OPINION

JOHN BRUMMETT: A delicate dance

The next time a right-winger tells you the world's best newspaper is out to get Donald Trump, mention the podcast.

Ask him if a right-wing publication would extend the same consideration to a liberal.

Or don't. The world's best newspaper and a right-wing publication are different species entirely. There is no basis to compare.


I refer to the podcast that the New York Times changed Tuesday per the White House's request.

This is all about Stephen Miller, a young right-wing zealot who is the main reason Donald Trump embraced for too long the anti-American cruelty of separating asylum-seeking parents from their young children.

A kind of Tom Cotton without as much effervescence, Miller railed against amnesty for illegal immigrants as an aide to Jeff Sessions when Sessions was a U.S. senator from Alabama who railed even about legal immigration.

Now Sessions is the attorney general who ordered the "zero-tolerance" atrocity on the border. Miller is the top policy adviser to Trump who staunchly advocated and defended Sessions' policy, filling the ear and the vacant space in the roomy brain of the pliable president.

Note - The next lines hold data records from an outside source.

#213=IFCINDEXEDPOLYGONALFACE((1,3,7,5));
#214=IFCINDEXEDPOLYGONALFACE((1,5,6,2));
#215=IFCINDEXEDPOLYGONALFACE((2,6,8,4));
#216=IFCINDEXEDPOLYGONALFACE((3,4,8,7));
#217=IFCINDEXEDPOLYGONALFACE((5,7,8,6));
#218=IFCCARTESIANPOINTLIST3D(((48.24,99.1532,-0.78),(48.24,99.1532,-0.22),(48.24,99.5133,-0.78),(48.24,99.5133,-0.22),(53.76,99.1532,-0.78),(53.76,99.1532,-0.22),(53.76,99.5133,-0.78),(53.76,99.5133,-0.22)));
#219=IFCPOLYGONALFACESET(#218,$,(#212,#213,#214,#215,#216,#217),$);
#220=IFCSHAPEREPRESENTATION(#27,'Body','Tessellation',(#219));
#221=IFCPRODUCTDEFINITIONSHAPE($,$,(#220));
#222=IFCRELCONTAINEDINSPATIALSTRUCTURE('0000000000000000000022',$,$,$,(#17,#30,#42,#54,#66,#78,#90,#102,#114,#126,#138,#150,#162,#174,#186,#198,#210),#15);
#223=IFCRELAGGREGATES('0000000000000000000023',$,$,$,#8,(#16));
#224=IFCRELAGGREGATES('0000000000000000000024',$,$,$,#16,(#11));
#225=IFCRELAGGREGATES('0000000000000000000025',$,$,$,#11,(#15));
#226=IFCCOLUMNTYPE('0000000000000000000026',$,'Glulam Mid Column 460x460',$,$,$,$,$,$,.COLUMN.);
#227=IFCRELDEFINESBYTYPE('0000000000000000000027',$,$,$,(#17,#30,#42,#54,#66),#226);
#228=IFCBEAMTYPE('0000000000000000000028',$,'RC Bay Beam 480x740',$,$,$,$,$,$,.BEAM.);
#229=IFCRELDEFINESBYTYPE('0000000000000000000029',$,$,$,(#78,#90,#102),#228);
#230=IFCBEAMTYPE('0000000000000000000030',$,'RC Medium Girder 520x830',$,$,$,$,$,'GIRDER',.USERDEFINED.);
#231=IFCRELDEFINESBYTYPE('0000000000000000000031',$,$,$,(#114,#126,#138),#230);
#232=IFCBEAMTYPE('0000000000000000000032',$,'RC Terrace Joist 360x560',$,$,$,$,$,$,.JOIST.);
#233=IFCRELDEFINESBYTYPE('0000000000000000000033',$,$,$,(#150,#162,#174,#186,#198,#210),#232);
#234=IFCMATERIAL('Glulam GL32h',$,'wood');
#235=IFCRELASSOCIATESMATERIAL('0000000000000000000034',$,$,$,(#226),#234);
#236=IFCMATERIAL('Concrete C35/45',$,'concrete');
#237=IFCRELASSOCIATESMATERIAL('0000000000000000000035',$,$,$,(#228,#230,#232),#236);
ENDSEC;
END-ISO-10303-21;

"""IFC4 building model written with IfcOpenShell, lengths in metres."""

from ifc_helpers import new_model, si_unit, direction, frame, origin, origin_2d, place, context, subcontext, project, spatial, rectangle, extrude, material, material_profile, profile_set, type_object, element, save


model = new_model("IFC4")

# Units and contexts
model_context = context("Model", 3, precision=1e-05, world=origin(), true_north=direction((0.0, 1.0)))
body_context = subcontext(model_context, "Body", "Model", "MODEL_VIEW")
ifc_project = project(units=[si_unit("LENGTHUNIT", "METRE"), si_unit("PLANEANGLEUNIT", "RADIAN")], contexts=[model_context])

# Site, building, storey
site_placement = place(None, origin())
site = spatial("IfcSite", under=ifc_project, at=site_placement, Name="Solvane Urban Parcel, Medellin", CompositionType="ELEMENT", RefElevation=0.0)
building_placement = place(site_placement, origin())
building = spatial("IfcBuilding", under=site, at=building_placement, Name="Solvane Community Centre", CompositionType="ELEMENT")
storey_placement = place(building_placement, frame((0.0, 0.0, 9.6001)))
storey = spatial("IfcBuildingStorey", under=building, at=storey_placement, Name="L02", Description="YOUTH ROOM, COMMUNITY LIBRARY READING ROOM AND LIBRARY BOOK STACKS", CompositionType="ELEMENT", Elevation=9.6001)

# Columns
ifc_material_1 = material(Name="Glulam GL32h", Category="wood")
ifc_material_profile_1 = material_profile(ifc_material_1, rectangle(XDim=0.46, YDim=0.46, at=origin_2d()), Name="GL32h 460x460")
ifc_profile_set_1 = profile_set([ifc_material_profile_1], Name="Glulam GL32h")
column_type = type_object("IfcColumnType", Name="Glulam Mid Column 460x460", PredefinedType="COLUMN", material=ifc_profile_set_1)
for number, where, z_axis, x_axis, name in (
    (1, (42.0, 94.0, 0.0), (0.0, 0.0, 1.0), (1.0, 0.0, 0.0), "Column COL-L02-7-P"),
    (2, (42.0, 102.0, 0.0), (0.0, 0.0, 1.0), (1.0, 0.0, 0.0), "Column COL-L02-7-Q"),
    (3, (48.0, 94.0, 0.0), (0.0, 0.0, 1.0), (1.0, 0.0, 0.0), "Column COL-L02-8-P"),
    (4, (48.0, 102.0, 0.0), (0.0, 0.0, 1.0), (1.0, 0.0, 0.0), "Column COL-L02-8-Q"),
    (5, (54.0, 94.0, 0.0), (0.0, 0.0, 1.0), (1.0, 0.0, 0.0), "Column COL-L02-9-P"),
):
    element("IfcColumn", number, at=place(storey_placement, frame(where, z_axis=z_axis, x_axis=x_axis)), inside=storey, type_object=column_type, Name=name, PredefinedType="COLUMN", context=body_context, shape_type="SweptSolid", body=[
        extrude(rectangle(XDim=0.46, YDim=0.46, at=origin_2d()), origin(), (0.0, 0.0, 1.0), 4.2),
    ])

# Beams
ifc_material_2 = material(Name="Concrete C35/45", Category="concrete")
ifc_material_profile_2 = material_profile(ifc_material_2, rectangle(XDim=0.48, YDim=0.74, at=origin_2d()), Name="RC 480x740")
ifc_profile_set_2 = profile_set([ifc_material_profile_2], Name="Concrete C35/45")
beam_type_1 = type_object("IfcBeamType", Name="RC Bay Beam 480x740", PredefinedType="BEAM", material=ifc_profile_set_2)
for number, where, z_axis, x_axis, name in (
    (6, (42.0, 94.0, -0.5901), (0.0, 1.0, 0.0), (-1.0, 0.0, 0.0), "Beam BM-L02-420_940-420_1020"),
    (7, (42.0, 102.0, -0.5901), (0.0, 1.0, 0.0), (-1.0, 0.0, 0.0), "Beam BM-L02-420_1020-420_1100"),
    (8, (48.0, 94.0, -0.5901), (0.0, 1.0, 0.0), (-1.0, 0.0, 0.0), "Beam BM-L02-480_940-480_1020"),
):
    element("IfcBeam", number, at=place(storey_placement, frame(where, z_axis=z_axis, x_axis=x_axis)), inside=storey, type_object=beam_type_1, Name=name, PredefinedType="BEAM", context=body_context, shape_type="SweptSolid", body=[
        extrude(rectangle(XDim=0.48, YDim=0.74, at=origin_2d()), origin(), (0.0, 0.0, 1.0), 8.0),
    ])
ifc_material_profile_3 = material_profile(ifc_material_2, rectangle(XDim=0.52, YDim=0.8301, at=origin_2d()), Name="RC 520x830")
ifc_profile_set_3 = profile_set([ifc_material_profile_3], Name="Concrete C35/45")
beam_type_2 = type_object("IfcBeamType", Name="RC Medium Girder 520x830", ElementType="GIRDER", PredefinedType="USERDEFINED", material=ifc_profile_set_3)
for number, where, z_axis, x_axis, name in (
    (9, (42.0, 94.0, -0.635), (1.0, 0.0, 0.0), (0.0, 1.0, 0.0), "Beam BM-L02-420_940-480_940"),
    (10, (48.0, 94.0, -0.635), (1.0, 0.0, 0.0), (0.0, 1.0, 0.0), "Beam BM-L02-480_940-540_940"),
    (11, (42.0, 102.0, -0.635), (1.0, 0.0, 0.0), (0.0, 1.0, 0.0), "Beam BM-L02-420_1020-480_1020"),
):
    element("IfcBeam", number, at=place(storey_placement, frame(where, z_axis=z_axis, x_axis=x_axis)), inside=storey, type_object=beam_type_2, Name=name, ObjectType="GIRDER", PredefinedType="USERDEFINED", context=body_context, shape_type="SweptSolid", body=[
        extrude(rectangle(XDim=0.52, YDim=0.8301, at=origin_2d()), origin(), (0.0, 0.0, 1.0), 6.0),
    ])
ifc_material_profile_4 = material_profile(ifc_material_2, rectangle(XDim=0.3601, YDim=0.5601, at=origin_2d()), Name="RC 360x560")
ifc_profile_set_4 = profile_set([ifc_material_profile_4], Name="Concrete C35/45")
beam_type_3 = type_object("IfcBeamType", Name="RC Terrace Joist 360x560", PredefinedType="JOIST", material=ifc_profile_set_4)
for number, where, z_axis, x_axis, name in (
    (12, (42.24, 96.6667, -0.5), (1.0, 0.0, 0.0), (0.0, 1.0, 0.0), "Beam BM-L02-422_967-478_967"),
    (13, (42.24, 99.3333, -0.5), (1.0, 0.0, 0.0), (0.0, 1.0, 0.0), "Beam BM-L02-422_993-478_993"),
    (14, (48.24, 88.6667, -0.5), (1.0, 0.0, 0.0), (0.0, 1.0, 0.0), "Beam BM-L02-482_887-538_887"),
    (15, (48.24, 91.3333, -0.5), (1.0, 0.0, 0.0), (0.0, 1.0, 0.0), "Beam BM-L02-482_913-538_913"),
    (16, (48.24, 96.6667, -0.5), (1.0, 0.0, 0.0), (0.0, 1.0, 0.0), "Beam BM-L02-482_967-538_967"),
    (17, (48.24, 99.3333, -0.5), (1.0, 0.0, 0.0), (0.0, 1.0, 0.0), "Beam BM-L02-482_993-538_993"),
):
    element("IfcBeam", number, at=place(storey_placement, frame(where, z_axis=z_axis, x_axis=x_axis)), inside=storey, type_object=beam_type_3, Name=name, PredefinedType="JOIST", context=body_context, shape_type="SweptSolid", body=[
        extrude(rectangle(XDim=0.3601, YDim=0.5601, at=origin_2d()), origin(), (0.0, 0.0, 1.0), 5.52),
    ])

Because it's the New York Times, the paper of record was granted a tape-recorded interview with Miller. It published an article over the weekend based on that interview.

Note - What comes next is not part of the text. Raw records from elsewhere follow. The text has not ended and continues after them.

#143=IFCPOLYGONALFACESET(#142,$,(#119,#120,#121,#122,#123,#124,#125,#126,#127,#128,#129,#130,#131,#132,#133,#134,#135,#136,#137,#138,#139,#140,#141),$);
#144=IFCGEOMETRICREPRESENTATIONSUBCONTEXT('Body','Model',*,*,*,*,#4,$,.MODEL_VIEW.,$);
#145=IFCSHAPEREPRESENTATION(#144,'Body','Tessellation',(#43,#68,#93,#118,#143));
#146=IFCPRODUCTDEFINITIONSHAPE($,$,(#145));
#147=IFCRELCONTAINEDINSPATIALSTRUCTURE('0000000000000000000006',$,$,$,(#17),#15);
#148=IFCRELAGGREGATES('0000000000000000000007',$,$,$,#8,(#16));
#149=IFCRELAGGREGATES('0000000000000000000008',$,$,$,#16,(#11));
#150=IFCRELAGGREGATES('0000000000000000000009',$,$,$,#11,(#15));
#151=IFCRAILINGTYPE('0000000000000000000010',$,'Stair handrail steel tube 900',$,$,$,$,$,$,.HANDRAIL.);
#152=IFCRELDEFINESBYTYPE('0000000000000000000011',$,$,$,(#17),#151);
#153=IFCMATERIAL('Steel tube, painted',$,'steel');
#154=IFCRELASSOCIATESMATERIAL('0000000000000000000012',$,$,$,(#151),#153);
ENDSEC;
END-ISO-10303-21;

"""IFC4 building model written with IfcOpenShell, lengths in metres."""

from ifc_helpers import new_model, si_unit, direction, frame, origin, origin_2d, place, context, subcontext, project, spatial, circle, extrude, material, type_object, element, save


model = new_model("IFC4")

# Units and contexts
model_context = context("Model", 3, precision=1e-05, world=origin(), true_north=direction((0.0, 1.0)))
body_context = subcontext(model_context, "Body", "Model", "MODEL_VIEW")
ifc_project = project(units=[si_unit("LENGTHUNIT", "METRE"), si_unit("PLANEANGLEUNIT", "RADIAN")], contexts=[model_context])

Then, on Tuesday, the Times brought in one of the reporters who conducted the interview for a chat on its popular news-review podcast, The Daily, which is heard by about a million people five days a week.

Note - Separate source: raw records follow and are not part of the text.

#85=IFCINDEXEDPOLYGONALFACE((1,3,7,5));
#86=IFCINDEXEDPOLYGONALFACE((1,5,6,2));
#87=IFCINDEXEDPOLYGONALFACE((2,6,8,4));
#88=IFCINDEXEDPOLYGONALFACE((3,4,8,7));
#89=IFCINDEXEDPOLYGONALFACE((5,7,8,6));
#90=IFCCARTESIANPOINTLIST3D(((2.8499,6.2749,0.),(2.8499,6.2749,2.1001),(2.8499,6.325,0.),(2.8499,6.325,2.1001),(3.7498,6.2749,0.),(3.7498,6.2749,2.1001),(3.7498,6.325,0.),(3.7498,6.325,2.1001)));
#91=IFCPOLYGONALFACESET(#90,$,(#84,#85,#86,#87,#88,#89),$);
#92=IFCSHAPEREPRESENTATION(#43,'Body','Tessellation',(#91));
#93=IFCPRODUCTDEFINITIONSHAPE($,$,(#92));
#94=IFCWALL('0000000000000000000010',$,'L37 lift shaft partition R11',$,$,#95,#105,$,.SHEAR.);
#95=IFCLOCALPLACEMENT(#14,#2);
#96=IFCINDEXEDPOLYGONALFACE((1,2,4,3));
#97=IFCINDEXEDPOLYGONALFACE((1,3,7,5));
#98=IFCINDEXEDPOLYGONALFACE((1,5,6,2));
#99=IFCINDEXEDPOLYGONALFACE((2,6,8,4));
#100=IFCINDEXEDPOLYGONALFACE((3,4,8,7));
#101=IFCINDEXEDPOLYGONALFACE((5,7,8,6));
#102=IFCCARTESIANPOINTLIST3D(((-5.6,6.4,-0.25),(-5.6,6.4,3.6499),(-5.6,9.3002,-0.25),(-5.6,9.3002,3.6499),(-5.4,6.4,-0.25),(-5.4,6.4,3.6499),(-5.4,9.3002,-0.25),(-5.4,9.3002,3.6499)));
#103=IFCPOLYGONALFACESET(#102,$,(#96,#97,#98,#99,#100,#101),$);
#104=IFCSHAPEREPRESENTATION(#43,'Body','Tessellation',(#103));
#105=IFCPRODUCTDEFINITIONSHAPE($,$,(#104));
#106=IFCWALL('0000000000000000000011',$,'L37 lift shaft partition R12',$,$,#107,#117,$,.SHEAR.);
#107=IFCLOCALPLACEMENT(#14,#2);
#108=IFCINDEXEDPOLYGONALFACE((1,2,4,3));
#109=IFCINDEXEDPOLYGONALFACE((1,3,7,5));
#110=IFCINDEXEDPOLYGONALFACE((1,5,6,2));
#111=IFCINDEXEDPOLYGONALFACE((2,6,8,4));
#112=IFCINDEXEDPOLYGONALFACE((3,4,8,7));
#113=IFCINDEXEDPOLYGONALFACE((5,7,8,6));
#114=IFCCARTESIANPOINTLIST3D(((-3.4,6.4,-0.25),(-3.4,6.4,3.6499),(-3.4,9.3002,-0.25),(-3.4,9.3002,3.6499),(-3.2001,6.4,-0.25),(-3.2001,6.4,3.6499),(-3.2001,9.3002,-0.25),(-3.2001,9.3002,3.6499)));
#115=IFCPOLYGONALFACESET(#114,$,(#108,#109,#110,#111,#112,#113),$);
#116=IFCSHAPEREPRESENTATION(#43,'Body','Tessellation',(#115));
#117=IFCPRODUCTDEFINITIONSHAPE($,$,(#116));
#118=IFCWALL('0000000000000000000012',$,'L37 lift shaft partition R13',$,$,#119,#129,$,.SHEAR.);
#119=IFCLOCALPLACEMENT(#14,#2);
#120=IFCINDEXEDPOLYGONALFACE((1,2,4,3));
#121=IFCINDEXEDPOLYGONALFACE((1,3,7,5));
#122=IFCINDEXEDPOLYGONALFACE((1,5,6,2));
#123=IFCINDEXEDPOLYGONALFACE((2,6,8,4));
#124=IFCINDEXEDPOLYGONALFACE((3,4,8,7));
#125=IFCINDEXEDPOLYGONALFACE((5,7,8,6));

The plan was to have the podcast presenter ask questions of the reporter and for portions of the recording of Miller's actual voice during the interview to be aired.

Hearing of that, the White House cried foul, saying no one in the Trump administration had been advised when the recorded interview with Miller was negotiated that the recording would be used in a podcast.

The Times pondered that objection, and, after a short time, announced that portions of Miller's recorded words would be read by a narrator in the podcast, much as they'd been published within quotation marks in the weekend article, but not played via recording.

As silly as the White House objections might have sounded, the Times acknowledged that a podcast use of the recorded words had not been part of the initial discussion about the purpose and use of the interview.

It was never made clear what worried the White House so.

It could have been that Miller's voice is unpleasant, as is he generally. It could have been that the White House feared the use of his actual recorded words in the podcast would risk fair context.

Or it could have been--and I would bet on this one--that the White House knew its policy was a public-opinion loser and that having a White House aide revealing his zeal by his own voice for a million listeners would complicate an already dire political predicament.

That would be especially true if the podcast aired audio of crying children wanting their moms.

Indeed, the White House finally relented on the utterly inhumane policy and practice on Wednesday.

One takeaway of this episode is that critics on the left and in the press are overreactive and overwrought in accusing the Times of giving in to official state censorship.

The byplay between a press juggernaut like the Times and the president it covers like no one else will always be delicate, mostly for the paper as it endeavors to tell the oft-dirty truth while clinging to the means by which to tell more of the oft-dirty truth in the future.

Right-wing media attacks from safe distances. Access would only get in the way of partisan convenience. A real newspaper reports from up close. Access is vital.

Sometimes you don't care. The Pentagon Papers, for example. A podcast with Miller's voice isn't the Pentagon Papers. Battles are to be picked.

Being fair or bending over to try to be fair--that's a big part of the day-to-day dance, if not the entire dance.

So, the Times did a little dance. It obliged a very hostile White House and gave up what might have been a powerful presentation of Miller's actual voice.

But it censored nary a word or thought. It quoted Miller as it chose in print and quoted him as it chose--if not how it chose--in the podcast.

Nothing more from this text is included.